9. In a process for detecting mutations in nucleic acid duplexes, wherein synthesized duplexes synthesized from genomic duplexes in a first amplification stage are present in a test sample together with the genomic duplexes, wherein the synthesized duplexes are synthesized in the first amplification stage from the genomic duplexes in a first polymerase chain reaction in which upstream and downstream primers are used to provide the synthesized duplexes with nucleotide sequences which differ from nucleotide sequences in the genomic duplexes, wherein the synthesized duplexes are treated with a restriction enzyme selectively to cleave duplexes containing a specific nucleotide sequence and wherein material in the synthesized duplexes present in the test sample with the genomic duplexes is further amplified in a second amplification stage using said upstream and downstream primers, the improvement wherein the upstream and downstream primers in the first amplification stage are upstream and downstream long tail primers and the upstream and downstream primers in the second amplification stage are upstream and downstream short tail primers, the upstream and downstream long tail and short tail primers being selected such that synthesized nucleic acid strands formed in the first polymerase chain reaction using the upstream and downstream long tail primers anneal with one of either the upstream or downstream short tail primers, and such that the short tail primers do not anneal with any nucleic acid strands in the genomic duplexes whereby the upstream and downstream short tail primers can be used in the second amplification stage selectively to amplify material in duplexes synthesized in the first amplification stage but cannot amplify material in the first or second genomic duplexes.

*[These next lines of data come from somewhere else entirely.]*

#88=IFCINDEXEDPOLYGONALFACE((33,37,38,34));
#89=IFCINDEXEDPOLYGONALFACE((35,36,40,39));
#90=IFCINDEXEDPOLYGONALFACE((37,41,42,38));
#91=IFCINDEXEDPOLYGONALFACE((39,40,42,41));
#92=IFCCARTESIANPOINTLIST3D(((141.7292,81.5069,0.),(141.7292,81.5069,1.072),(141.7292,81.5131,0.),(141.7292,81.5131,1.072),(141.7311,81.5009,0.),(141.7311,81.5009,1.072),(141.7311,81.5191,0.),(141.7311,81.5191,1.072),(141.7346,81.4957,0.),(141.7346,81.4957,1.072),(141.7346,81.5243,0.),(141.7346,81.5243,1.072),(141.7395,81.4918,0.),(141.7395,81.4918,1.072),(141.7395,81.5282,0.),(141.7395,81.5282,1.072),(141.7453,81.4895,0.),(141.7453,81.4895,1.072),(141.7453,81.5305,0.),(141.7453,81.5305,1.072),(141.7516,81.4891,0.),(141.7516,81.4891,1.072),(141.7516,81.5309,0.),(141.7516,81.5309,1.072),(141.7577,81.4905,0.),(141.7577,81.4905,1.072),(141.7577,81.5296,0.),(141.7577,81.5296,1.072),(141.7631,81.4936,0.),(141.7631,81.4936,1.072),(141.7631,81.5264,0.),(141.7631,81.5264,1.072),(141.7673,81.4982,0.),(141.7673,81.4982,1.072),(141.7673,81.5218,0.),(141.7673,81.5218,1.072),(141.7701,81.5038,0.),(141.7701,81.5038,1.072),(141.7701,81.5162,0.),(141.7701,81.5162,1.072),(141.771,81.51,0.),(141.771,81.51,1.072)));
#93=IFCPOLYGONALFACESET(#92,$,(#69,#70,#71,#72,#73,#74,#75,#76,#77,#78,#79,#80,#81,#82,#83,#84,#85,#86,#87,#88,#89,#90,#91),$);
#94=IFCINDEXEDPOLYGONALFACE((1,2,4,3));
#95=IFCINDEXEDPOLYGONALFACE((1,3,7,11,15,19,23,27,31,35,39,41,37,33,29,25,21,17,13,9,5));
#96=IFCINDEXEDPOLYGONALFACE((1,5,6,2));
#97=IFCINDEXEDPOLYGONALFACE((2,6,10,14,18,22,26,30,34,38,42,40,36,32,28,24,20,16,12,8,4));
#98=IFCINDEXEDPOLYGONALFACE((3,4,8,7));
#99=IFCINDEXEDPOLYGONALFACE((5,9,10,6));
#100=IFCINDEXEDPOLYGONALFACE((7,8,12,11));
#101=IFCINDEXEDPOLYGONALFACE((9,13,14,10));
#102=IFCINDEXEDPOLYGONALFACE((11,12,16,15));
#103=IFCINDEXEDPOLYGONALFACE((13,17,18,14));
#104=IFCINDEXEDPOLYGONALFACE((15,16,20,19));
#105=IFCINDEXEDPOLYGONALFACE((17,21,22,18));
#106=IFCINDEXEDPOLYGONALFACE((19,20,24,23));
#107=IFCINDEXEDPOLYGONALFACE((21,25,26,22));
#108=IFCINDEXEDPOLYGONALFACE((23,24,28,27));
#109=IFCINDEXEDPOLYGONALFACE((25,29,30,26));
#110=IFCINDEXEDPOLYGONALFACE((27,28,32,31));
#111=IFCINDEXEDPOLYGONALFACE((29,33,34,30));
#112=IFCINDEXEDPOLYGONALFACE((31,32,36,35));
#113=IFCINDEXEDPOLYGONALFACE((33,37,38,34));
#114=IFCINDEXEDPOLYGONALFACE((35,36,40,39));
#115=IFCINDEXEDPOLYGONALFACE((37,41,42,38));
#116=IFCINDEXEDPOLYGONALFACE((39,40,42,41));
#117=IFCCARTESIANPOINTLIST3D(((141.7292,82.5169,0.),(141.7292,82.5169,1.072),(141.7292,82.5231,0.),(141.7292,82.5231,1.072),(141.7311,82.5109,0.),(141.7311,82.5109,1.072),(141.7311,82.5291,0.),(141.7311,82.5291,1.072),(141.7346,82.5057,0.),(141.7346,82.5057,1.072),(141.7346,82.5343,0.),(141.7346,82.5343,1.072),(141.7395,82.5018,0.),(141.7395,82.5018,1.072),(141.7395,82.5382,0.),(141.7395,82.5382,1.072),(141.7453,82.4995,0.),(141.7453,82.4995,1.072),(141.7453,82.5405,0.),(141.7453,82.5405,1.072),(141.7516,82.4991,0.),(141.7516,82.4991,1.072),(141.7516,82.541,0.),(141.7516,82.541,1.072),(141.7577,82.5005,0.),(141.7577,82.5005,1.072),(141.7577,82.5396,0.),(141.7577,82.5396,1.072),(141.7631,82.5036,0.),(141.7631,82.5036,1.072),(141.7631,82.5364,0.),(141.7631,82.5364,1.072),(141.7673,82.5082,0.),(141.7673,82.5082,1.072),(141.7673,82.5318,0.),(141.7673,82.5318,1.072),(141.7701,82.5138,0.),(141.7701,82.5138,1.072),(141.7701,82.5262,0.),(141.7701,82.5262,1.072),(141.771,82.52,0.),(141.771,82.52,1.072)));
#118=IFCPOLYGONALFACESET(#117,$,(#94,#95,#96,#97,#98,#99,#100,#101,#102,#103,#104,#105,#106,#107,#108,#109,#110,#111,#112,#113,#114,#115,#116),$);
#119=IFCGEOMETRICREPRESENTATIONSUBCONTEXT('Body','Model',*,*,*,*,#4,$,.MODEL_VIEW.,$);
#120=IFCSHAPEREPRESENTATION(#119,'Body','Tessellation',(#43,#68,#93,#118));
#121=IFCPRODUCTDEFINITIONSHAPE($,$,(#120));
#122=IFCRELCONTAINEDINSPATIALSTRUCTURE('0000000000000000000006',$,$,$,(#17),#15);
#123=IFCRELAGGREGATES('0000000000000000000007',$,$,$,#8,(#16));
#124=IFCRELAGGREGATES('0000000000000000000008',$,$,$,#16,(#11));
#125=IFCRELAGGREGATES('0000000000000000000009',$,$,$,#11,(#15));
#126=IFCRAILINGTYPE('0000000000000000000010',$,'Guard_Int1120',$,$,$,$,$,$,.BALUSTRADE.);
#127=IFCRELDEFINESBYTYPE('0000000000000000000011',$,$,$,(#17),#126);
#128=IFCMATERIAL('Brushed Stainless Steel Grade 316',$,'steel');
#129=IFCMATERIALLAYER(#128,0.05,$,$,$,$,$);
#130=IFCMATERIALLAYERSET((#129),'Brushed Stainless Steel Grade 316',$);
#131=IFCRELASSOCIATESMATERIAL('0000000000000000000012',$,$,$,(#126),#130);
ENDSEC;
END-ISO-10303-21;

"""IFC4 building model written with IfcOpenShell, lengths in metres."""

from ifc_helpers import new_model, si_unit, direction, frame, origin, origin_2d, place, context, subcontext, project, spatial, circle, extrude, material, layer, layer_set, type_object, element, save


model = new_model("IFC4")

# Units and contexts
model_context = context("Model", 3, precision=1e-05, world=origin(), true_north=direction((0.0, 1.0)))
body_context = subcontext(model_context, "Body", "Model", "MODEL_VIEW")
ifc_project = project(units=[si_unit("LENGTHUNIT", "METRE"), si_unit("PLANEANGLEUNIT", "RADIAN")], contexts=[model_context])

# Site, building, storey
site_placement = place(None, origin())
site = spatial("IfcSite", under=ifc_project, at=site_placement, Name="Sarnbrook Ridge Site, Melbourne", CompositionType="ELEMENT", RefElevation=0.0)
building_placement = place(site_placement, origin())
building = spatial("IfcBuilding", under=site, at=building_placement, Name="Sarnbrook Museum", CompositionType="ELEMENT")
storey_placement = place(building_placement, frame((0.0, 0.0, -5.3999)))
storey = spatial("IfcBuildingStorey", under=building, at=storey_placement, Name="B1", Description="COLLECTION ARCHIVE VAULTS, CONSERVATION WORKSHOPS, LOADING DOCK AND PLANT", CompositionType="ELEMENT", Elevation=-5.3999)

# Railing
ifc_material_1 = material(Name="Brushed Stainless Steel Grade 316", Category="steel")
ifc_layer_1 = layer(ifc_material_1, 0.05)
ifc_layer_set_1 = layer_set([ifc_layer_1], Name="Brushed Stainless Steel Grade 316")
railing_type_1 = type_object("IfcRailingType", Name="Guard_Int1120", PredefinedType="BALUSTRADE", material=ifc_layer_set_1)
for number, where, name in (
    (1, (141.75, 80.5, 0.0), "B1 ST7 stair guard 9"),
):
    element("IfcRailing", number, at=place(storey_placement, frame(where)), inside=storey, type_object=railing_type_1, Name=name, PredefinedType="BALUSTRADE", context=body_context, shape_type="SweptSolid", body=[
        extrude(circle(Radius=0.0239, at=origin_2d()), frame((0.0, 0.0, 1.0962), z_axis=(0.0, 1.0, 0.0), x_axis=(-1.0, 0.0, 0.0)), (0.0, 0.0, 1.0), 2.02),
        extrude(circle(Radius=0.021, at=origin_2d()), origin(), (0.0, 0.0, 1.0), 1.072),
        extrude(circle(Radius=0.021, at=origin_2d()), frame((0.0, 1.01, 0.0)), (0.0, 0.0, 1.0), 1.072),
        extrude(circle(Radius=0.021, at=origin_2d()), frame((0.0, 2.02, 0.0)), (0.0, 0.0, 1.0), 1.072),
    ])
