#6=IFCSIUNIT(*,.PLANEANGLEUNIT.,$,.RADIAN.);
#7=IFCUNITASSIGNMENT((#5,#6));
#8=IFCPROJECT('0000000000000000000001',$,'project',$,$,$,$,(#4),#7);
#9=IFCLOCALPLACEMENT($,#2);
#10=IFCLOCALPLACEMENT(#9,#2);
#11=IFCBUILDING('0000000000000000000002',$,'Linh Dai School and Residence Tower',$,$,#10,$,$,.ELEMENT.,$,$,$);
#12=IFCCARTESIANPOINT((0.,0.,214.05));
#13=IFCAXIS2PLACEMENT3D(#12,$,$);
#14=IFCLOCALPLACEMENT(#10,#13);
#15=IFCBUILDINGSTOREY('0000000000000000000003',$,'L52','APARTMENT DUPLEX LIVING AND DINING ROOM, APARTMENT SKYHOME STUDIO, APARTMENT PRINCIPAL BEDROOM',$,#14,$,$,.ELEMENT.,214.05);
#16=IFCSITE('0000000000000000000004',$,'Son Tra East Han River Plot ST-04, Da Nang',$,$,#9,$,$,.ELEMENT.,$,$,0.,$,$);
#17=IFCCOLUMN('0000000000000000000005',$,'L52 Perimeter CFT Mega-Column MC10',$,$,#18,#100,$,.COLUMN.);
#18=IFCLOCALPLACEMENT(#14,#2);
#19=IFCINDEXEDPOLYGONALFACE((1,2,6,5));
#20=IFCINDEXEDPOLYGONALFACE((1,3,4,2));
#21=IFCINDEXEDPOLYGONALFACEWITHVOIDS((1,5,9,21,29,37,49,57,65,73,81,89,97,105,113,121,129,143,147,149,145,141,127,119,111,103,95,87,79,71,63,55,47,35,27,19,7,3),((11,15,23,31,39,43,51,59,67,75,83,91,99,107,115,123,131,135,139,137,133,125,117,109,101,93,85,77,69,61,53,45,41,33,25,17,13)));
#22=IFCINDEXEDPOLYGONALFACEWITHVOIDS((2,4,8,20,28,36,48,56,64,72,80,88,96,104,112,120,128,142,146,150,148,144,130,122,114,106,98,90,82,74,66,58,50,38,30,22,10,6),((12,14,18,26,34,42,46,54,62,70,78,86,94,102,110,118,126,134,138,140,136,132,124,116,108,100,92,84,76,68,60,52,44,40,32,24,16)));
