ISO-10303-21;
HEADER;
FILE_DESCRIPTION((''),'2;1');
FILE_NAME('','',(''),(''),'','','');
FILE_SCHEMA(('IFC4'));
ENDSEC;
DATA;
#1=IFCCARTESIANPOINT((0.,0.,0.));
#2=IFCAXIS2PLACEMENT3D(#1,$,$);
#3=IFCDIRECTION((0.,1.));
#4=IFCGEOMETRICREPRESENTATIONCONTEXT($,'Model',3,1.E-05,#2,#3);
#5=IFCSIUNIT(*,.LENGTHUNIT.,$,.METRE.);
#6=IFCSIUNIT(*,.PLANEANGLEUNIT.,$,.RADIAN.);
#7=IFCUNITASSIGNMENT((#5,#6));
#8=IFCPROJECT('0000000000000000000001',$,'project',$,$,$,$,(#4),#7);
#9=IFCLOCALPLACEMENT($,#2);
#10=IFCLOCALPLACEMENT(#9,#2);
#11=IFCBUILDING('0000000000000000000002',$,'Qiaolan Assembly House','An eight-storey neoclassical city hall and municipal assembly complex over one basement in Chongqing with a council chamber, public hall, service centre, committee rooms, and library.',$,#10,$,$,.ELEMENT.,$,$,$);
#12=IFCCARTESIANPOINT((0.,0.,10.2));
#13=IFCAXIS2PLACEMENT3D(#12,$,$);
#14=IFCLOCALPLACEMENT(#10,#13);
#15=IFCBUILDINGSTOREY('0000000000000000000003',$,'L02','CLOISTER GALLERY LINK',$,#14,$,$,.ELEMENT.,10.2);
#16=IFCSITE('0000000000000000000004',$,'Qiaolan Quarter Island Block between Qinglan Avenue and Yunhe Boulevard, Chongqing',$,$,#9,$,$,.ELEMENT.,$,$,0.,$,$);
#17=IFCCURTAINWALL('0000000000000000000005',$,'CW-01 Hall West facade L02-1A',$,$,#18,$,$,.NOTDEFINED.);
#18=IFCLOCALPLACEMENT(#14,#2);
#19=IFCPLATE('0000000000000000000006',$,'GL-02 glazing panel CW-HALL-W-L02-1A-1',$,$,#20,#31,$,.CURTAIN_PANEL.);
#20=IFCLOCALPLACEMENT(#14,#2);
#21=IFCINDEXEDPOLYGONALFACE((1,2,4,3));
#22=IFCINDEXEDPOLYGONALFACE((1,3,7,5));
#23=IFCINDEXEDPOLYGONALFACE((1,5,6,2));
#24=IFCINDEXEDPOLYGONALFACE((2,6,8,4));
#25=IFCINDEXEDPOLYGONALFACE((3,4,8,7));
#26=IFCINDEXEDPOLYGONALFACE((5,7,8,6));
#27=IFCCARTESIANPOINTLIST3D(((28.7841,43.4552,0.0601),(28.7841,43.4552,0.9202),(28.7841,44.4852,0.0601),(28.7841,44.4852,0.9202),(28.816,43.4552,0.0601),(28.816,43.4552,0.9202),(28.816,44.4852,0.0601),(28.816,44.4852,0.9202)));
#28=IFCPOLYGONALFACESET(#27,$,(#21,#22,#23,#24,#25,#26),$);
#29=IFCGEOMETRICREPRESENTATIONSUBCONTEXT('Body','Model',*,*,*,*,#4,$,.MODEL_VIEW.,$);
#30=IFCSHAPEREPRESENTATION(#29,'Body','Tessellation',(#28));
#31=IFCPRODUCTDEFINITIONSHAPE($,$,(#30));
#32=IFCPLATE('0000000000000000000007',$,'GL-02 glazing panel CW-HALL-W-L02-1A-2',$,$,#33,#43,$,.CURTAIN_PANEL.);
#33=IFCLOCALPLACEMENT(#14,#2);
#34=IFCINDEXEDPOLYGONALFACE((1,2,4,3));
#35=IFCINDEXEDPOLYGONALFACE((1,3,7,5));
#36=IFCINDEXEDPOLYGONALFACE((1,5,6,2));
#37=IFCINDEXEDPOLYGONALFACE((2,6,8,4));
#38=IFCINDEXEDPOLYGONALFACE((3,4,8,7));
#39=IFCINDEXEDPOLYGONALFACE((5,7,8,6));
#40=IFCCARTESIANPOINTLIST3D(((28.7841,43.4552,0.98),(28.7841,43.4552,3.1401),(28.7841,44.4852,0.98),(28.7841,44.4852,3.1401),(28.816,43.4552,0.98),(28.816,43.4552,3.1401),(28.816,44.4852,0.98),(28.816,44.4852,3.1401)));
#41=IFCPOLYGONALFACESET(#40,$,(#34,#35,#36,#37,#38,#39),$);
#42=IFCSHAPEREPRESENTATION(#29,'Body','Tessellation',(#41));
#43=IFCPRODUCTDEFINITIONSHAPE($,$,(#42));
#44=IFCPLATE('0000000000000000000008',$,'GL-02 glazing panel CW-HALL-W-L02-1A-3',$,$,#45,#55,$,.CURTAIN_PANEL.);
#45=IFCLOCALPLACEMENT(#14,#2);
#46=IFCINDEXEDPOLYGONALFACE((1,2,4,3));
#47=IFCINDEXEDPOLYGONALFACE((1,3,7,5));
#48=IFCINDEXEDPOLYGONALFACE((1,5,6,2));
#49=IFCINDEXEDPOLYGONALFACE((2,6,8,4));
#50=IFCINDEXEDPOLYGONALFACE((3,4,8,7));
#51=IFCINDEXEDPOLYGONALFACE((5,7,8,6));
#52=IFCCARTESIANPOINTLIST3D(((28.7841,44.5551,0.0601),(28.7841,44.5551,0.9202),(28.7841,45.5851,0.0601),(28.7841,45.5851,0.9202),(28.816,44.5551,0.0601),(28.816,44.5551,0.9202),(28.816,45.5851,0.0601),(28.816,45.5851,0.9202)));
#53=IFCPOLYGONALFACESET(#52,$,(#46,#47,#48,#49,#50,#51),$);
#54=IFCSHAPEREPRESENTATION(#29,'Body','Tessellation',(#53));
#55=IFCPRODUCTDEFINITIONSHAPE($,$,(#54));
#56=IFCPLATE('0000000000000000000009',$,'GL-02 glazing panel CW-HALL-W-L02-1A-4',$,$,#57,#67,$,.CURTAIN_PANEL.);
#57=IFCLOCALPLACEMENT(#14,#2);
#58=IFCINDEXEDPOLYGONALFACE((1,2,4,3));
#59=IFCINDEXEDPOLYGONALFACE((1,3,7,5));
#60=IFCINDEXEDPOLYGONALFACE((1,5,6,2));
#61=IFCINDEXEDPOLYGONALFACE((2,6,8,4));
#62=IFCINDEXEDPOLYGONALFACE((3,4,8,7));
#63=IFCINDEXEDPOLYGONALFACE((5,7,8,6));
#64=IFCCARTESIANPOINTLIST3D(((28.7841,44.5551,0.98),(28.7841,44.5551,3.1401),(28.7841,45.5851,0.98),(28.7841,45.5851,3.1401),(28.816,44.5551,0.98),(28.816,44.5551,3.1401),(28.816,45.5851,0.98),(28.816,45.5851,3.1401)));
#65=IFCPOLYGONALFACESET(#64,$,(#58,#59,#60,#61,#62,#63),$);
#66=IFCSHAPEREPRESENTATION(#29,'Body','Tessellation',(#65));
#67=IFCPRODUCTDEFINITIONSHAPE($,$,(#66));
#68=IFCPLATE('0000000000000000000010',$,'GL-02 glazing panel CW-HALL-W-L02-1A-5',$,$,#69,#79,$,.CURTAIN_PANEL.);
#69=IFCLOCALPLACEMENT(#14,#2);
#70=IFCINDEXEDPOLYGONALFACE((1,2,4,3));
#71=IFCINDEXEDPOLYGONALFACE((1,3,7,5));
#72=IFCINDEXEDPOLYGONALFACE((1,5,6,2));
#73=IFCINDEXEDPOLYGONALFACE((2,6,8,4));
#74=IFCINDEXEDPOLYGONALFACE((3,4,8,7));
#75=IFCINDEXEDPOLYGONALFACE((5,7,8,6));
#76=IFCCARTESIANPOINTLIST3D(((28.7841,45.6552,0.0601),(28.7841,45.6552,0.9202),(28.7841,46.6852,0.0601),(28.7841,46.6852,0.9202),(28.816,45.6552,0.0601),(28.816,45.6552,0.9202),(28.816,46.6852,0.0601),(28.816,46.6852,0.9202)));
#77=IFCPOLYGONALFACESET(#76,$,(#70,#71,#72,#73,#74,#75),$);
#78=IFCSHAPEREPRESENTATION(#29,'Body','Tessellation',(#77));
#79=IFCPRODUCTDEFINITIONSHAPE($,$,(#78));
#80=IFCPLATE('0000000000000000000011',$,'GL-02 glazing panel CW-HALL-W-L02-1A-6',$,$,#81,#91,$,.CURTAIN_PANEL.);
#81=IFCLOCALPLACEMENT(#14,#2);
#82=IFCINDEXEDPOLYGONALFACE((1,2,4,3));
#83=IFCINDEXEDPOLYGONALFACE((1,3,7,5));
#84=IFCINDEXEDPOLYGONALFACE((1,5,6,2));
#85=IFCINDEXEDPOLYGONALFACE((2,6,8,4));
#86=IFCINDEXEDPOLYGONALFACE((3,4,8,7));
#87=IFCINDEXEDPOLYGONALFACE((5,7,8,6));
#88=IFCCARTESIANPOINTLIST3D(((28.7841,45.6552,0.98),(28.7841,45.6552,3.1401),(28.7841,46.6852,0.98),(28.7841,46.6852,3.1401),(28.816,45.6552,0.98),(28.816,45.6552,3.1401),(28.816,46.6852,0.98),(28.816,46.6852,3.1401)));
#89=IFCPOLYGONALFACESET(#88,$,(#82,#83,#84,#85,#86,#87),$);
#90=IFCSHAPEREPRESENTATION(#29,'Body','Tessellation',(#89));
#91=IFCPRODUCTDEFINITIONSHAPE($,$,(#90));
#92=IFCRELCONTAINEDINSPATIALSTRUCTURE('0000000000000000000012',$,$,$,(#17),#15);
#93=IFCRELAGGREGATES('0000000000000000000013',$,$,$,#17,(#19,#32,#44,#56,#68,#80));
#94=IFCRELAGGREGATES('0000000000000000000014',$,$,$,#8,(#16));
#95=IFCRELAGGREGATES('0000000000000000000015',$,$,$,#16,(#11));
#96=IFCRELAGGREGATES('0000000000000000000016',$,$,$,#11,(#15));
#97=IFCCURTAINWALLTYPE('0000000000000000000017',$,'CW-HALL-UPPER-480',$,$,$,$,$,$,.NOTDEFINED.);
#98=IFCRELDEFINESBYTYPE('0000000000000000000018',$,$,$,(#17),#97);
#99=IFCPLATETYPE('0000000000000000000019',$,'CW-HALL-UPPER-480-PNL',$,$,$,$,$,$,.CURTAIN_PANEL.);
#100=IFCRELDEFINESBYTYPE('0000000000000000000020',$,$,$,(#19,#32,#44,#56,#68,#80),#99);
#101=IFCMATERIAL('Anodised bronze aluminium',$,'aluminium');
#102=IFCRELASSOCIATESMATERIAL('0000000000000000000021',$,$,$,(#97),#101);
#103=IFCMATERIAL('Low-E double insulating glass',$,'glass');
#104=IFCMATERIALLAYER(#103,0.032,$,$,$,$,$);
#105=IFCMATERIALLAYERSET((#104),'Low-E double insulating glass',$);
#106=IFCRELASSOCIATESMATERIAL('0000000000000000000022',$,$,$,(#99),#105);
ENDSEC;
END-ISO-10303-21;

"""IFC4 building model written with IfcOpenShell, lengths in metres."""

from ifc_helpers import new_model, si_unit, direction, frame, frame_2d, origin, place, context, subcontext, project, spatial, rectangle, extrude, material, layer, layer_set, type_object, element, aggregate, save


model = new_model("IFC4")

# Units and contexts
model_context = context("Model", 3, precision=1e-05, world=origin(), true_north=direction((0.0, 1.0)))
body_context = subcontext(model_context, "Body", "Model", "MODEL_VIEW")
ifc_project = project(units=[si_unit("LENGTHUNIT", "METRE"), si_unit("PLANEANGLEUNIT", "RADIAN")], contexts=[model_context])

# Site, building, storey
site_placement = place(None, origin())
site = spatial("IfcSite", under=ifc_project, at=site_placement, Name="Qiaolan Quarter Island Block between Qinglan Avenue and Yunhe Boulevard, Chongqing", CompositionType="ELEMENT", RefElevation=0.0)
building_placement = place(site_placement, origin())
building = spatial("IfcBuilding", under=site, at=building_placement, Name="Qiaolan Assembly House", Description="An eight-storey neoclassical city hall and municipal assembly complex over one basement in Chongqing with a council chamber, public hall, service centre, committee rooms, and library.", CompositionType="ELEMENT")
storey_placement = place(building_placement, frame((0.0, 0.0, 10.2)))
storey = spatial("IfcBuildingStorey", under=building, at=storey_placement, Name="L02", Description="CLOISTER GALLERY LINK", CompositionType="ELEMENT", Elevation=10.2)

# Shared definitions
ifc_material_1 = material(Name="Anodised bronze aluminium", Category="aluminium")
curtain_wall_type = type_object("IfcCurtainWallType", Name="CW-HALL-UPPER-480", PredefinedType="NOTDEFINED", material=ifc_material_1)

# Curtain wall
curtain_wall_1_placement = place(storey_placement, origin())
curtain_wall_1 = element("IfcCurtainWall", 1, at=curtain_wall_1_placement, inside=storey, type_object=curtain_wall_type, Name="CW-01 Hall West facade L02-1A", PredefinedType="NOTDEFINED")

# Plates
ifc_material_2 = material(Name="Low-E double insulating glass", Category="glass")
ifc_layer = layer(ifc_material_2, 0.032)
ifc_layer_set = layer_set([ifc_layer], Name="Low-E double insulating glass")
plate_type = type_object("IfcPlateType", Name="CW-HALL-UPPER-480-PNL", PredefinedType="CURTAIN_PANEL", material=ifc_layer_set)
plate_1_placement = place(storey_placement, frame((28.8, 43.4551, 0.0601), z_axis=(0.0, 0.0, 1.0), x_axis=(0.0, 1.0, 0.0)))
plate_1 = element("IfcPlate", 2, at=plate_1_placement, type_object=plate_type, Name="GL-02 glazing panel CW-HALL-W-L02-1A-1", PredefinedType="CURTAIN_PANEL", context=body_context, shape_type="SweptSolid", body=[
    extrude(rectangle(XDim=1.03, YDim=0.032, at=frame_2d((0.5151, 0.0))), origin(), (0.0, 0.0, 1.0), 0.8601),
])
plate_2_placement = place(storey_placement, frame((28.8, 43.4551, 0.98), z_axis=(0.0, 0.0, 1.0), x_axis=(0.0, 1.0, 0.0)))
plate_2 = element("IfcPlate", 3, at=plate_2_placement, type_object=plate_type, Name="GL-02 glazing panel CW-HALL-W-L02-1A-2", PredefinedType="CURTAIN_PANEL", context=body_context, shape_type="SweptSolid", body=[
    extrude(rectangle(XDim=1.03, YDim=0.032, at=frame_2d((0.5151, 0.0))), origin(), (0.0, 0.0, 1.0), 2.1602),
])
plate_3_placement = place(storey_placement, frame((28.8, 44.5549, 0.0601), z_axis=(0.0, 0.0, 1.0), x_axis=(0.0, 1.0, 0.0)))
plate_3 = element("IfcPlate", 4, at=plate_3_placement, type_object=plate_type, Name="GL-02 glazing panel CW-HALL-W-L02-1A-3", PredefinedType="CURTAIN_PANEL", context=body_context, shape_type="SweptSolid", body=[
    extrude(rectangle(XDim=1.03, YDim=0.032, at=frame_2d((0.5151, 0.0))), origin(), (0.0, 0.0, 1.0), 0.8601),
])
plate_4_placement = place(storey_placement, frame((28.8, 44.5549, 0.98), z_axis=(0.0, 0.0, 1.0), x_axis=(0.0, 1.0, 0.0)))
plate_4 = element("IfcPlate", 5, at=plate_4_placement, type_object=plate_type, Name="GL-02 glazing panel CW-HALL-W-L02-1A-4", PredefinedType="CURTAIN_PANEL", context=body_context, shape_type="SweptSolid", body=[
    extrude(rectangle(XDim=1.03, YDim=0.032, at=frame_2d((0.5151, 0.0))), origin(), (0.0, 0.0, 1.0), 2.1602),
])
plate_5_placement = place(storey_placement, frame((28.8, 45.655, 0.0601), z_axis=(0.0, 0.0, 1.0), x_axis=(0.0, 1.0, 0.0)))
plate_5 = element("IfcPlate", 6, at=plate_5_placement, type_object=plate_type, Name="GL-02 glazing panel CW-HALL-W-L02-1A-5", PredefinedType="CURTAIN_PANEL", context=body_context, shape_type="SweptSolid", body=[
    extrude(rectangle(XDim=1.03, YDim=0.032, at=frame_2d((0.5151, 0.0))), origin(), (0.0, 0.0, 1.0), 0.8601),
])
plate_6_placement = place(storey_placement, frame((28.8, 45.655, 0.98), z_axis=(0.0, 0.0, 1.0), x_axis=(0.0, 1.0, 0.0)))
plate_6 = element("IfcPlate", 7, at=plate_6_placement, type_object=plate_type, Name="GL-02 glazing panel CW-HALL-W-L02-1A-6", PredefinedType="CURTAIN_PANEL", context=body_context, shape_type="SweptSolid", body=[
    extrude(rectangle(XDim=1.03, YDim=0.032, at=frame_2d((0.5151, 0.0))), origin(), (0.0, 0.0, 1.0), 2.1602),
])
aggregate(curtain_wall_1, [plate_1, plate_2, plate_3, plate_4, plate_5, plate_6])

save(model, "model.ifc")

- View Dependent Claims (10, 11)
- - 10. A process as claimed in claim 9 wherein the upstream and downstream short tail primers consist of DNA sequences from polyoma virus.
  - 11. A process as claimed in claim 10 wherein the upstream and downstream short tail primers are between about 15 and 25 bases in length, whereby the further synthesized duplexes are longer than the genomic duplexes by between about 30 and 50 bases pairs.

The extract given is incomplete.